Unnamed: 0,Area,MajorAxisLength,MinorAxisLength,Eccentricity,ConvexArea,Extent,Perimeter
248,62064,352.36867,227.864144,0.762775,64811,0.650566,1004.245
383,66797,358.198918,240.782694,0.740366,68732,0.697663,1006.375
149,66568,342.250361,249.5505,0.684358,68078,0.759917,993.455
595,80481,481.063953,217.561151,0.891891,85153,0.714974,1219.105
401,39368,296.655948,171.208165,0.816654,41361,0.619969,798.546


In [13]:
lr = LogisticRegression(max_iter=1000, random_state=23)
lb = LabelBinarizer()

# Binarize the target feature.
y_train = lb.fit_transform(y_train)
y_val = lb.transform(y_val)

# Train Logistic Regression.
lr.fit(X_train, y_train.ravel())

LogisticRegression(max_iter=1000, random_state=23)

In [14]:
# Calculate F1 score overall 
y_val_pred = lr.predict(X_val)
f1_score_overall = f1_score(y_val, y_val_pred)
print(f1_score_overall)

0.8831168831168832


In [25]:
# Calculate F1 score for 'Area' split by average
area_mean = X_val['Area'].mean()
X_val_area_high = X_val[X_val['Area']>area_mean]
X_val_area_low = X_val[X_val['Area']<=area_mean]
y_val_area_high = y_val[X_val['Area']>area_mean]
y_val_area_low = y_val[X_val['Area']<=area_mean]
f1_score_area_high = f1_score(y_val_area_high, lr.predict(X_val_area_high))
f1_score_area_low = f1_score(y_val_area_low, lr.predict(X_val_area_low))
print(f'For areas over average ({area_mean}) the F1 score is {f1_score_area_high} and for lower average {f1_score_area_low}.')

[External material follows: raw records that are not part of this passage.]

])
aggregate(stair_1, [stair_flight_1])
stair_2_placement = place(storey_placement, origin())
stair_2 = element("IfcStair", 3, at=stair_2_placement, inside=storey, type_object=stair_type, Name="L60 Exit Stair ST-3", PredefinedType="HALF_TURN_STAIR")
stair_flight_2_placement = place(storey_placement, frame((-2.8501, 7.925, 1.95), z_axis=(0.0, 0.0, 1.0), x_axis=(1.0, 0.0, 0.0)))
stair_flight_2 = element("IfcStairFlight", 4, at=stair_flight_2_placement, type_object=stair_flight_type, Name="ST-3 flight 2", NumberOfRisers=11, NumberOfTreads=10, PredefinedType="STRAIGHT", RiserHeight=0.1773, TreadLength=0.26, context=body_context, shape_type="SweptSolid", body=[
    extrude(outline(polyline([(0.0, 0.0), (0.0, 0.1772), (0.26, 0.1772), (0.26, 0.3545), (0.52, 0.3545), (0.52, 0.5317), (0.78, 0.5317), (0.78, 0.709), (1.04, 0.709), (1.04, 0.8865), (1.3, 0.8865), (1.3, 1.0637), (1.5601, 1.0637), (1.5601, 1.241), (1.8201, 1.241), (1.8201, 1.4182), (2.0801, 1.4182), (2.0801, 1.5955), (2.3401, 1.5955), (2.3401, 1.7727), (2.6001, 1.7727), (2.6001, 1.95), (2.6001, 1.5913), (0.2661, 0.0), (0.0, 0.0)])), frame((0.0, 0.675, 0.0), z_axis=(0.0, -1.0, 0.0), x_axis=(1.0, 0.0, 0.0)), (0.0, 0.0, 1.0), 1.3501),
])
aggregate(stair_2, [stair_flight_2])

For areas over average (89585.02666666667) the F1 score is 0.3636363636363636 and for lower average 0.9090909090909091.


In [26]:
# Calculate F1 score for 'MajorAxisLength' split by average
major_mean = X_val['MajorAxisLength'].mean()
X_val_major_high = X_val[X_val['MajorAxisLength']>major_mean]
X_val_major_low = X_val[X_val['MajorAxisLength']<=major_mean]
y_val_major_high = y_val[X_val['MajorAxisLength']>major_mean]
y_val_major_low = y_val[X_val['MajorAxisLength']<=major_mean]
f1_score_major_high = f1_score(y_val_major_high, lr.predict(X_val_major_high))
f1_score_major_low = f1_score(y_val_major_low, lr.predict(X_val_major_low))
print(f'For major axis length over average ({major_mean}) the F1 score is {f1_score_major_high} and for lower average {f1_score_major_low}.')

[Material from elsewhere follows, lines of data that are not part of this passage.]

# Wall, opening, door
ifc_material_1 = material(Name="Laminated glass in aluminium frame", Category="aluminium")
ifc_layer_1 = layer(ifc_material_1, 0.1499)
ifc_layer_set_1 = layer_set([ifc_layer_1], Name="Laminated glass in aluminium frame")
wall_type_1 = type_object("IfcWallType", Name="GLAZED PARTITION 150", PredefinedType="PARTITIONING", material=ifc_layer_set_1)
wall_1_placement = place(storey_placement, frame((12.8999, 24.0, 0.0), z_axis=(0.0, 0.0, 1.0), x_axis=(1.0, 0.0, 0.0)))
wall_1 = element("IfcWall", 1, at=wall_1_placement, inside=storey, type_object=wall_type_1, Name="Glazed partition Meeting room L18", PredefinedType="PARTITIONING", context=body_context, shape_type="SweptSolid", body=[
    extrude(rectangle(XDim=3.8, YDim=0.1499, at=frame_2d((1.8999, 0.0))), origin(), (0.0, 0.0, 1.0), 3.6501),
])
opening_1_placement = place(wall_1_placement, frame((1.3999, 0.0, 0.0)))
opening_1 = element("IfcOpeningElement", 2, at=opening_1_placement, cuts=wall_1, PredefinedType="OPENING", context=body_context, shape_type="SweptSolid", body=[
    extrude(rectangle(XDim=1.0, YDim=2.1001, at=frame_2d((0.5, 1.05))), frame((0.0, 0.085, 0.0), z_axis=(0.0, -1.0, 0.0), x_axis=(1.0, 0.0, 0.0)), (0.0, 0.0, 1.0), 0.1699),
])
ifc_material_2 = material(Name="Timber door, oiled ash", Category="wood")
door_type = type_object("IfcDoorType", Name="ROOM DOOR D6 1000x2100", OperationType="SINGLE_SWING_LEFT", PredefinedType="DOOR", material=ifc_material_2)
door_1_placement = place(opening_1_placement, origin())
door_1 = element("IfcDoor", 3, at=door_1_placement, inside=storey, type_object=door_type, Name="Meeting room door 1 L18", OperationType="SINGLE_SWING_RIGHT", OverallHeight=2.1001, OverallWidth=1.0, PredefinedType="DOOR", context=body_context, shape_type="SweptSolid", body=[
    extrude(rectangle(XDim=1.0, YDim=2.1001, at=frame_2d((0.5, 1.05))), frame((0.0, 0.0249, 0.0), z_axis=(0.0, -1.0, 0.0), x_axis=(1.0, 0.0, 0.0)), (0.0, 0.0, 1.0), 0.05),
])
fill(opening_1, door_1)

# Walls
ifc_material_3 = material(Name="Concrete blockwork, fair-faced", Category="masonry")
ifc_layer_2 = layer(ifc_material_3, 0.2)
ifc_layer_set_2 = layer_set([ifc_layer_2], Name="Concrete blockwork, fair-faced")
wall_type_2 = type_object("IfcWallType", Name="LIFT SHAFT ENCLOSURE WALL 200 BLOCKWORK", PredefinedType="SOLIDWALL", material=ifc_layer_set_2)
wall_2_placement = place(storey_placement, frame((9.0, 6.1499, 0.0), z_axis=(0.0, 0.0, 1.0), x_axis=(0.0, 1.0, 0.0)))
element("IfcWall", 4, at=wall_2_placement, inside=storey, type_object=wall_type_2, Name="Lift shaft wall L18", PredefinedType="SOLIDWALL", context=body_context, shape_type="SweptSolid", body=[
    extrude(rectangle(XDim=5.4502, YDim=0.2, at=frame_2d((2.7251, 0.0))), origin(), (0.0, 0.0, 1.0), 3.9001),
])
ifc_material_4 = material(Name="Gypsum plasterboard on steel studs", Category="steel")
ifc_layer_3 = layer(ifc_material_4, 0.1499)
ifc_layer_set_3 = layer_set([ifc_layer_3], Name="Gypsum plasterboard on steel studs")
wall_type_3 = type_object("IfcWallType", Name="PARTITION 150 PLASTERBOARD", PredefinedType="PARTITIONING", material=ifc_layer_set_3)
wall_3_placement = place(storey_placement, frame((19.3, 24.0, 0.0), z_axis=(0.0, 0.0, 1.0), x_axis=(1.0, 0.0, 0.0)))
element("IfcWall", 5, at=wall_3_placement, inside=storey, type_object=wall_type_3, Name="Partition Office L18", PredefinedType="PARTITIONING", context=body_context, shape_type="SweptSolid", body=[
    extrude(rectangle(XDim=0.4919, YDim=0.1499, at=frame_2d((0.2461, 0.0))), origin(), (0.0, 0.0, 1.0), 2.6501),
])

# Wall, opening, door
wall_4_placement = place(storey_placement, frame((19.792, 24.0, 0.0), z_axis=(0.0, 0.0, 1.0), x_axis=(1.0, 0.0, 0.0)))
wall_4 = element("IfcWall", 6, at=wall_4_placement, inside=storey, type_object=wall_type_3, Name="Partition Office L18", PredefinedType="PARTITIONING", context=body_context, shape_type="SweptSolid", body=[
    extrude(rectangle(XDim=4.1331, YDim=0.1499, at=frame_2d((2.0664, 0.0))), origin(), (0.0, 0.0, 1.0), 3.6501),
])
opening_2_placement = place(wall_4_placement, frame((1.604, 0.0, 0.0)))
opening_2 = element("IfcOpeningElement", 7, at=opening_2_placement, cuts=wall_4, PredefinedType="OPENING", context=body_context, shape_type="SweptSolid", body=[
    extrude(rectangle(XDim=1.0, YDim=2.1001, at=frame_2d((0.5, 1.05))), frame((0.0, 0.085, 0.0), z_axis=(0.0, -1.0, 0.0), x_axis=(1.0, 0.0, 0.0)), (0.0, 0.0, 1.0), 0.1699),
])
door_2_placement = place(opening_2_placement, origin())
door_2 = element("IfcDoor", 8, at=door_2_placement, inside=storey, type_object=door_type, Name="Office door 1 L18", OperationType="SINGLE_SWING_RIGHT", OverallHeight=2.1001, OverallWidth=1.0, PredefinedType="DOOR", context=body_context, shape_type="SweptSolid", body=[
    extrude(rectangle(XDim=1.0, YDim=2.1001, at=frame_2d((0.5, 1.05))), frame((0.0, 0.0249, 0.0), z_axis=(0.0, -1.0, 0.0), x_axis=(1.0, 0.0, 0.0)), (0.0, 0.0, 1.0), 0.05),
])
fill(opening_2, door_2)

For areas over average (440.76813653333335) the F1 score is 0.0 and for lower average 0.9066666666666666.


In [27]:
# Calculate F1 score for 'MajorAxisLength' split by average
eccentricity_mean = X_val['Eccentricity'].mean()
X_val_eccentricity_high = X_val[X_val['Eccentricity']>eccentricity_mean]
X_val_eccentricity_low = X_val[X_val['Eccentricity']<=eccentricity_mean]
y_val_eccentricity_high = y_val[X_val['Eccentricity']>eccentricity_mean]
y_val_eccentricity_low = y_val[X_val['Eccentricity']<=eccentricity_mean]
f1_score_eccentricity_high = f1_score(y_val_eccentricity_high, lr.predict(X_val_eccentricity_high))
f1_score_eccentricity_low = f1_score(y_val_eccentricity_low, lr.predict(X_val_eccentricity_low))
print(f'For major axis length over average ({eccentricity_mean}) the F1 score is {f1_score_eccentricity_high} and for lower average {f1_score_eccentricity_low}.')

For major axis length over average (0.7864845224844446) the F1 score is 0.8641975308641975 and for lower average 0.8933333333333333.